I receive an email from an associate lecturer colleague that I’m working with. We’re working on a tutorial observation research project that is funded by something called eSTEeM, which is all about Science Technology Engineering and Mathematics education. My colleague has started work on a literature review and it looks brilliant. I look in my diary and I fix a time to have a chat about how things are going.

One of the things I really enjoy doing is AL development. I enjoy it because it’s great speaking to all the tutors. At the start of the month I ran a TM470 AL development session for purely selfish reasons: I am a tutor on TM470 and I wanted to run some tutorials, but I was also very aware that other TM470 tutors are significantly more experienced than I am. Put simply: I wanted to steal some of their good ideas, and a way to do this is to find a way to get tutors talking to each other. To do this, I ran an online staff development event.

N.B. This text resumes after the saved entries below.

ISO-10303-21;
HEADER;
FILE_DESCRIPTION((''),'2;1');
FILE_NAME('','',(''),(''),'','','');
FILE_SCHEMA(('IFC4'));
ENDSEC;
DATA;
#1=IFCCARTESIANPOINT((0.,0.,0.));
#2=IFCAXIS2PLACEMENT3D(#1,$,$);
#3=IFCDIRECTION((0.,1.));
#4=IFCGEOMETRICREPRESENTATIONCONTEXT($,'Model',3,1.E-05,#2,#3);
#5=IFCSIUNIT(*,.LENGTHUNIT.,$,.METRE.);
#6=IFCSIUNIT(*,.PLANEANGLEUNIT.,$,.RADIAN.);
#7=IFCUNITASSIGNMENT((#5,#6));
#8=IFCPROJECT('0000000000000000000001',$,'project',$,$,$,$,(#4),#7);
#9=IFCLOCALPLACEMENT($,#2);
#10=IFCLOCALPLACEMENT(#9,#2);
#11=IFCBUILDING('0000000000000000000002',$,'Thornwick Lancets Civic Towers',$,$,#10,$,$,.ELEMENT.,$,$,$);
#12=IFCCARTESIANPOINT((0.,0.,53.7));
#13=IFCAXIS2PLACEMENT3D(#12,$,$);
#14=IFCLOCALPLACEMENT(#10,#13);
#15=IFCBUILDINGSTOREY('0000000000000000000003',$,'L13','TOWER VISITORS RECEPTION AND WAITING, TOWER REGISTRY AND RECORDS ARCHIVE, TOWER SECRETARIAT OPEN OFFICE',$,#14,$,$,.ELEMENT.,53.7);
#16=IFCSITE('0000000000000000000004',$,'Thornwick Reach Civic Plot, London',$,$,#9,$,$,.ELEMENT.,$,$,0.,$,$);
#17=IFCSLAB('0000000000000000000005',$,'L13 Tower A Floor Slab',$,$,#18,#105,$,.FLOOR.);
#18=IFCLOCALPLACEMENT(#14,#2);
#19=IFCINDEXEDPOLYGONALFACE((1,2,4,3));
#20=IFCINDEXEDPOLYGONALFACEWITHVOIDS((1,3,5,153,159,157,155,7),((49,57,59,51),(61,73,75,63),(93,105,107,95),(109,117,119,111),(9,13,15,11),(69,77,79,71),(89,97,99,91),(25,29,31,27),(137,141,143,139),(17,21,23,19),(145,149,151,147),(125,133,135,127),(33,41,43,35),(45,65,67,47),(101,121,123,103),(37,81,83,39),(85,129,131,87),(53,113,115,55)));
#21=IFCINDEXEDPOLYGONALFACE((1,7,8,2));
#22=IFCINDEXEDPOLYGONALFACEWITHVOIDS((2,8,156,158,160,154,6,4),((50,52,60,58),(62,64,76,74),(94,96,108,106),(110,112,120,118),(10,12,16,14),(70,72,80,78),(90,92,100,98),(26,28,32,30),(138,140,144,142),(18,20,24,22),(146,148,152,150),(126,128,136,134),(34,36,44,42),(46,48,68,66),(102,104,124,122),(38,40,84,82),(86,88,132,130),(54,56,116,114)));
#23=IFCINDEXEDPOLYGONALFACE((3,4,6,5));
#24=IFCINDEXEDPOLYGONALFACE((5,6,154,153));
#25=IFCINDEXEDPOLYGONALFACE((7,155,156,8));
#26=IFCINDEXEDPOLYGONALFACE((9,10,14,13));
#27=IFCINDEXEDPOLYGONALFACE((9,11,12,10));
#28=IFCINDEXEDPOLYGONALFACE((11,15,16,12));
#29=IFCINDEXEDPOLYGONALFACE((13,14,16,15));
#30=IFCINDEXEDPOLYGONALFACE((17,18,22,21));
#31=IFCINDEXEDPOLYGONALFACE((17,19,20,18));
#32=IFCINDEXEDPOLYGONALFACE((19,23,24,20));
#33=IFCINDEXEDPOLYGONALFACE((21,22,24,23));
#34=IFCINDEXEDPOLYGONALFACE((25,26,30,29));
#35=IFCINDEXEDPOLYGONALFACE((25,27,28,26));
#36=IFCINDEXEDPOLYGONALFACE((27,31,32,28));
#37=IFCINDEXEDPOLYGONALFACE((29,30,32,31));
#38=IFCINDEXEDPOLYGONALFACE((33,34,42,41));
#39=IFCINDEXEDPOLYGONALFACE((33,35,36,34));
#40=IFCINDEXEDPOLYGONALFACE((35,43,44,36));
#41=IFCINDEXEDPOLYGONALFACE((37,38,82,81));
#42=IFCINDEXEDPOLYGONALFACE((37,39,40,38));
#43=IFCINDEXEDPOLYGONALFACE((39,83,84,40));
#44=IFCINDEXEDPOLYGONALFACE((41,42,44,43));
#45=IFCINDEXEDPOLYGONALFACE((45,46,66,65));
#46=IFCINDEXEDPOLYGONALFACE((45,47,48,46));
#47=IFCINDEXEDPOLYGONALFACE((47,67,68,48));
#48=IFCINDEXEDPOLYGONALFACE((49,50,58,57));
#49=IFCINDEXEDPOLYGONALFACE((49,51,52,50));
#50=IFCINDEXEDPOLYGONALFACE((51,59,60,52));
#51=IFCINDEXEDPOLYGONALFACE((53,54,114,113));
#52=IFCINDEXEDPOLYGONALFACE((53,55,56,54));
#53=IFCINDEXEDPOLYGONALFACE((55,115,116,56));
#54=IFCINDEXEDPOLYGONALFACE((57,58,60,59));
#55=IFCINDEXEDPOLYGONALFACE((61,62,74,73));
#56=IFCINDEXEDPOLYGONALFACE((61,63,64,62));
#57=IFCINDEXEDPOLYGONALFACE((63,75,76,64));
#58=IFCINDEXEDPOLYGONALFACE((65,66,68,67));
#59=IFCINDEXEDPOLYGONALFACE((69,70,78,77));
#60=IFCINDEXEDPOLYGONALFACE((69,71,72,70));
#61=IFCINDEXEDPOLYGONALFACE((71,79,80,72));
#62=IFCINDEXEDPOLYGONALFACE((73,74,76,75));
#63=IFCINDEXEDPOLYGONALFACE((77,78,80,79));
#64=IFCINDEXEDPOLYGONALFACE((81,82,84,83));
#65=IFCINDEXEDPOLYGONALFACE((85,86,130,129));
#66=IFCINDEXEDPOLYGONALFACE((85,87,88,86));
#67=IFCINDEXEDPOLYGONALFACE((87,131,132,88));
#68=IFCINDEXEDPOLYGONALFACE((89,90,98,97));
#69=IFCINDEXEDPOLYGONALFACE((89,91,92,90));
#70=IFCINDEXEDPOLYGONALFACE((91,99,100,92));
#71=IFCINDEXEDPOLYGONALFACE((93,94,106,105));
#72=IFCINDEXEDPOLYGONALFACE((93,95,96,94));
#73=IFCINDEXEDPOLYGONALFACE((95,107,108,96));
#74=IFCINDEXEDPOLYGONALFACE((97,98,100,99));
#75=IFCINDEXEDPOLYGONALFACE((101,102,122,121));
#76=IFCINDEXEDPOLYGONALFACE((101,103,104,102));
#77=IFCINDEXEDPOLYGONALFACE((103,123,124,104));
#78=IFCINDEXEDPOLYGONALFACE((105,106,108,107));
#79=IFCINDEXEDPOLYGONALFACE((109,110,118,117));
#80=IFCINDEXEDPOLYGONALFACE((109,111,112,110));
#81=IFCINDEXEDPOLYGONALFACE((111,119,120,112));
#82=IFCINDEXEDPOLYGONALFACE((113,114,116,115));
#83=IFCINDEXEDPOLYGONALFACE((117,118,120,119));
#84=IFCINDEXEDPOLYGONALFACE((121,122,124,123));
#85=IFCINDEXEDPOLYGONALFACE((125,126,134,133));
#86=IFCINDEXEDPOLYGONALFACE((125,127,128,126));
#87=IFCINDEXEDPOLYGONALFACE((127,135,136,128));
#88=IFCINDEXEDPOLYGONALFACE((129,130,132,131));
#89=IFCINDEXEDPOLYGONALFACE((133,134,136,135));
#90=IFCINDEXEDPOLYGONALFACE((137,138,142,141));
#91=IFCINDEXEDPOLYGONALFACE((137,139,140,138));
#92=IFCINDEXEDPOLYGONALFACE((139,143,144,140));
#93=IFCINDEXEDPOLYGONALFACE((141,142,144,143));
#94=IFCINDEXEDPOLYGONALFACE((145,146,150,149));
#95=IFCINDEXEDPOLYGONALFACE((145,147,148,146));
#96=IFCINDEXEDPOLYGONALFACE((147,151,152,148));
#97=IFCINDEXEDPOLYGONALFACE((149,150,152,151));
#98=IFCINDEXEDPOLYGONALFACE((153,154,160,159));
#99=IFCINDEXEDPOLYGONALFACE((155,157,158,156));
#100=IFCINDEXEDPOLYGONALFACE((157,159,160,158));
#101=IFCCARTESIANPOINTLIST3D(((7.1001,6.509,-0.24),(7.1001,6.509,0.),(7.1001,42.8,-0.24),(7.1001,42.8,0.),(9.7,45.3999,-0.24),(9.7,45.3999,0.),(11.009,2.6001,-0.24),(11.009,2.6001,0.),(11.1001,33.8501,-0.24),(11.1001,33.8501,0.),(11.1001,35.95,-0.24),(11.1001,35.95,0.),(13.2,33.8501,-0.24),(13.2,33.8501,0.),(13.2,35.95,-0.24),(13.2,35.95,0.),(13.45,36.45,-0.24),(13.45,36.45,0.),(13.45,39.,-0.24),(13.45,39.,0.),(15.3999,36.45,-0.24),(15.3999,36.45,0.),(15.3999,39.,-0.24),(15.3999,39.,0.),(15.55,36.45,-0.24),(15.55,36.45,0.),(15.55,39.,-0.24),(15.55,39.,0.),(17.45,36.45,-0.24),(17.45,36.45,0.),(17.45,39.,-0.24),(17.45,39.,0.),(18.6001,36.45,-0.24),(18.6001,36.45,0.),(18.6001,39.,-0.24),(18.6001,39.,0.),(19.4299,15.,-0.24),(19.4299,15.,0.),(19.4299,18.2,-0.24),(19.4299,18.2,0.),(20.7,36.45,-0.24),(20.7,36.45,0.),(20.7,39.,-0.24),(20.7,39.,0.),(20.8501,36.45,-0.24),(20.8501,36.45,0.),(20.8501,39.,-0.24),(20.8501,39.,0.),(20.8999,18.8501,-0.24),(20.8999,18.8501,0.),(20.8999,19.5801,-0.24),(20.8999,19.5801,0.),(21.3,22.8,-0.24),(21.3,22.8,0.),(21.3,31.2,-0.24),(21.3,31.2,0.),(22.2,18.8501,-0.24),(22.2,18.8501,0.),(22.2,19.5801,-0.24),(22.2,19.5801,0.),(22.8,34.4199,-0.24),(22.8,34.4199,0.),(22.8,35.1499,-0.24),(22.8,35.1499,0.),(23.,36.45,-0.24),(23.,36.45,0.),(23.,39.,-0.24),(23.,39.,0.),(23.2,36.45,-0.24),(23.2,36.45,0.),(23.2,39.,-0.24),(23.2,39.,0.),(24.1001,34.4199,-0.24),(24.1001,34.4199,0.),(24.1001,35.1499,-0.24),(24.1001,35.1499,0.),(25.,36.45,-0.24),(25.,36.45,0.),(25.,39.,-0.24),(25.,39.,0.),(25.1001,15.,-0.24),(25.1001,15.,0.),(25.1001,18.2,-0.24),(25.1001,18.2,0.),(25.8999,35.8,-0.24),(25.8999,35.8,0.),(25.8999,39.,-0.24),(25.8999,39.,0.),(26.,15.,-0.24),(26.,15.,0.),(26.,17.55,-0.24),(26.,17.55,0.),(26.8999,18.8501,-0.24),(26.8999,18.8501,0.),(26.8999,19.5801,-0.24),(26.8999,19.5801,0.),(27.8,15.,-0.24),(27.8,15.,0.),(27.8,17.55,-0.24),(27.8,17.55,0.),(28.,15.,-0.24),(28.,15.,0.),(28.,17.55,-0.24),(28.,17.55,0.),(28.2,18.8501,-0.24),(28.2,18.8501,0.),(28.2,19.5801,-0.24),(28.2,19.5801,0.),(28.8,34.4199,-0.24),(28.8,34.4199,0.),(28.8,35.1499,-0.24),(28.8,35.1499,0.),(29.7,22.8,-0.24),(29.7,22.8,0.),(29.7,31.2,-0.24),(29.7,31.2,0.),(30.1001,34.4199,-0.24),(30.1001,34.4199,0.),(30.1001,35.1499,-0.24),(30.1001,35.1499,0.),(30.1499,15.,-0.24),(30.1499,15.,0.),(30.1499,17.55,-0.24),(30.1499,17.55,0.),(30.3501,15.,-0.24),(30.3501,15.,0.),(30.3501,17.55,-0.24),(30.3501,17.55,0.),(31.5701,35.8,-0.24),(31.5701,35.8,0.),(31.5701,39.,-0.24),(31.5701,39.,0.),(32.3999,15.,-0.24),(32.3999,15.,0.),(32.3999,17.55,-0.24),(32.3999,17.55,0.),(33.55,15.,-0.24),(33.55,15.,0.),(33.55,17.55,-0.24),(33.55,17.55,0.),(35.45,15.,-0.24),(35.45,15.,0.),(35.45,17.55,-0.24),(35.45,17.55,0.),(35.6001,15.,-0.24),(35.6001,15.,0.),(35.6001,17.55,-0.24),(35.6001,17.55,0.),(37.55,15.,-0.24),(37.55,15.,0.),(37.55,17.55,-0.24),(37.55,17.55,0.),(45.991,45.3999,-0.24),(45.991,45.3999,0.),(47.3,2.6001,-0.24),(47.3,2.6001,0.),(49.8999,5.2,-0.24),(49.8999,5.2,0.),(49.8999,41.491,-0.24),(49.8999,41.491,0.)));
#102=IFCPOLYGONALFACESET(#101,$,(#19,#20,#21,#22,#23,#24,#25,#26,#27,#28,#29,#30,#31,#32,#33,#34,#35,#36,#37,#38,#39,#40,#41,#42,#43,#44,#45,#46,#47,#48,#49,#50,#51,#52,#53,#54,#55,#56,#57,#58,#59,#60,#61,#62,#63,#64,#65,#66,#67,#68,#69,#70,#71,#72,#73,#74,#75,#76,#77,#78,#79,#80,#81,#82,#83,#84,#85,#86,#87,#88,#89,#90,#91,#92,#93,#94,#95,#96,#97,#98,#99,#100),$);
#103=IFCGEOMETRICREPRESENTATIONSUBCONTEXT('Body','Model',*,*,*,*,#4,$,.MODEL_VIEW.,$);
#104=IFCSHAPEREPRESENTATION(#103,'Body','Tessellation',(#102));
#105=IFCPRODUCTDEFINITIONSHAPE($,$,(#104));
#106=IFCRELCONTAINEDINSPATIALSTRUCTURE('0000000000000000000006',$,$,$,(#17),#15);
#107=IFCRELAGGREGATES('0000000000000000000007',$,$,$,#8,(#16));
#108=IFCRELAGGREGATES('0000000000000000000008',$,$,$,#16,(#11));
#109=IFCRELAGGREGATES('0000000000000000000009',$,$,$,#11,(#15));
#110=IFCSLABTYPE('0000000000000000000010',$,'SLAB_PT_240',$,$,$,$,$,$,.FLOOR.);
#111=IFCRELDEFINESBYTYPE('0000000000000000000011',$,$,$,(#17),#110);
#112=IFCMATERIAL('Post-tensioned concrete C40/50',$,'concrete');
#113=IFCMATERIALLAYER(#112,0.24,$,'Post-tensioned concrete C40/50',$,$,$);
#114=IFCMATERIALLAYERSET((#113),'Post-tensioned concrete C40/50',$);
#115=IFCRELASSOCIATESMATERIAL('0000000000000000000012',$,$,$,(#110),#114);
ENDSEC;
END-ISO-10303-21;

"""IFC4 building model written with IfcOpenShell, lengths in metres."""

from ifc_helpers import new_model, si_unit, direction, frame, origin, place, context, subcontext, project, spatial, polyline, outline, extrude, material, layer, layer_set, type_object, element, save


model = new_model("IFC4")

# Units and contexts
model_context = context("Model", 3, precision=1e-05, world=origin(), true_north=direction((0.0, 1.0)))
body_context = subcontext(model_context, "Body", "Model", "MODEL_VIEW")
ifc_project = project(units=[si_unit("LENGTHUNIT", "METRE"), si_unit("PLANEANGLEUNIT", "RADIAN")], contexts=[model_context])

# Site, building, storey
site_placement = place(None, origin())
site = spatial("IfcSite", under=ifc_project, at=site_placement, Name="Thornwick Reach Civic Plot, London", CompositionType="ELEMENT", RefElevation=0.0)
building_placement = place(site_placement, origin())
building = spatial("IfcBuilding", under=site, at=building_placement, Name="Thornwick Lancets Civic Towers", CompositionType="ELEMENT")
storey_placement = place(building_placement, frame((0.0, 0.0, 53.7)))
storey = spatial("IfcBuildingStorey", under=building, at=storey_placement, Name="L13", Description="TOWER VISITORS RECEPTION AND WAITING, TOWER REGISTRY AND RECORDS ARCHIVE, TOWER SECRETARIAT OPEN OFFICE", CompositionType="ELEMENT", Elevation=53.7)

# Shared definitions
ifc_material_1 = material(Name="Post-tensioned concrete C40/50", Category="concrete")

# Slab
ifc_layer_1 = layer(ifc_material_1, 0.24, Name="Post-tensioned concrete C40/50")
ifc_layer_set_1 = layer_set([ifc_layer_1], Name="Post-tensioned concrete C40/50")
slab_type_1 = type_object("IfcSlabType", Name="SLAB_PT_240", PredefinedType="FLOOR", material=ifc_layer_set_1)
slab_1_placement = place(storey_placement, frame((0.0, 0.0, -0.24)))
element("IfcSlab", 1, at=slab_1_placement, inside=storey, type_object=slab_type_1, Name="L13 Tower A Floor Slab", PredefinedType="FLOOR", context=body_context, shape_type="SweptSolid", body=[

After the event had finished, I had to do a couple of ‘wash up’ tasks. The first one was to send AL services in Manchester a list of associate lecturers who had attended. The second was to write a quick blog post about the key findings, and share that post to all tutors. I spent the next couple of hours going through the recording of the event, making notes, and putting everything into a blog summary of the TM470 AL development event (blog)

Evening

I try not to work evenings (or weekends) but sometimes you just can’t avoid it. It was one of those nights.

At the start of TM356 Interaction Design and the User Experience, some tutors were worried about an event called the ‘Hackathon’. The OU group tuition policy stipulates that each face-to-face event must have an online alternative. The thing is, the TM356 face-to-face Hackathon takes an entire day, and you can’t have an online equivalent of an event that starts at 10.30 and ends at 16.30; it just wouldn’t be humane!

With a blessing from the module team, I made the executive decision to create three ‘parts’ to a longer running online equivalent. After making this suggestion, I realised that I was going to making a substantial contribution to the pedagogic design of these ‘parts’. 

The tutors were asking, quite rightly: ‘how are these sessions going to work?’ 

I made a decision: showing and demonstrating a teaching idea would be significantly easier than writing a document that tutors would then have to try to decode. I had prepped a session, uploaded a session, and I worked with a tutor to deliver a session.

My fellow tutor had some brilliant ideas; we tried a ‘dialogic approach’ to teaching, which means: ‘we asked each other questions’. Listening to two voices is always, in my opinion, more fun than listening to one.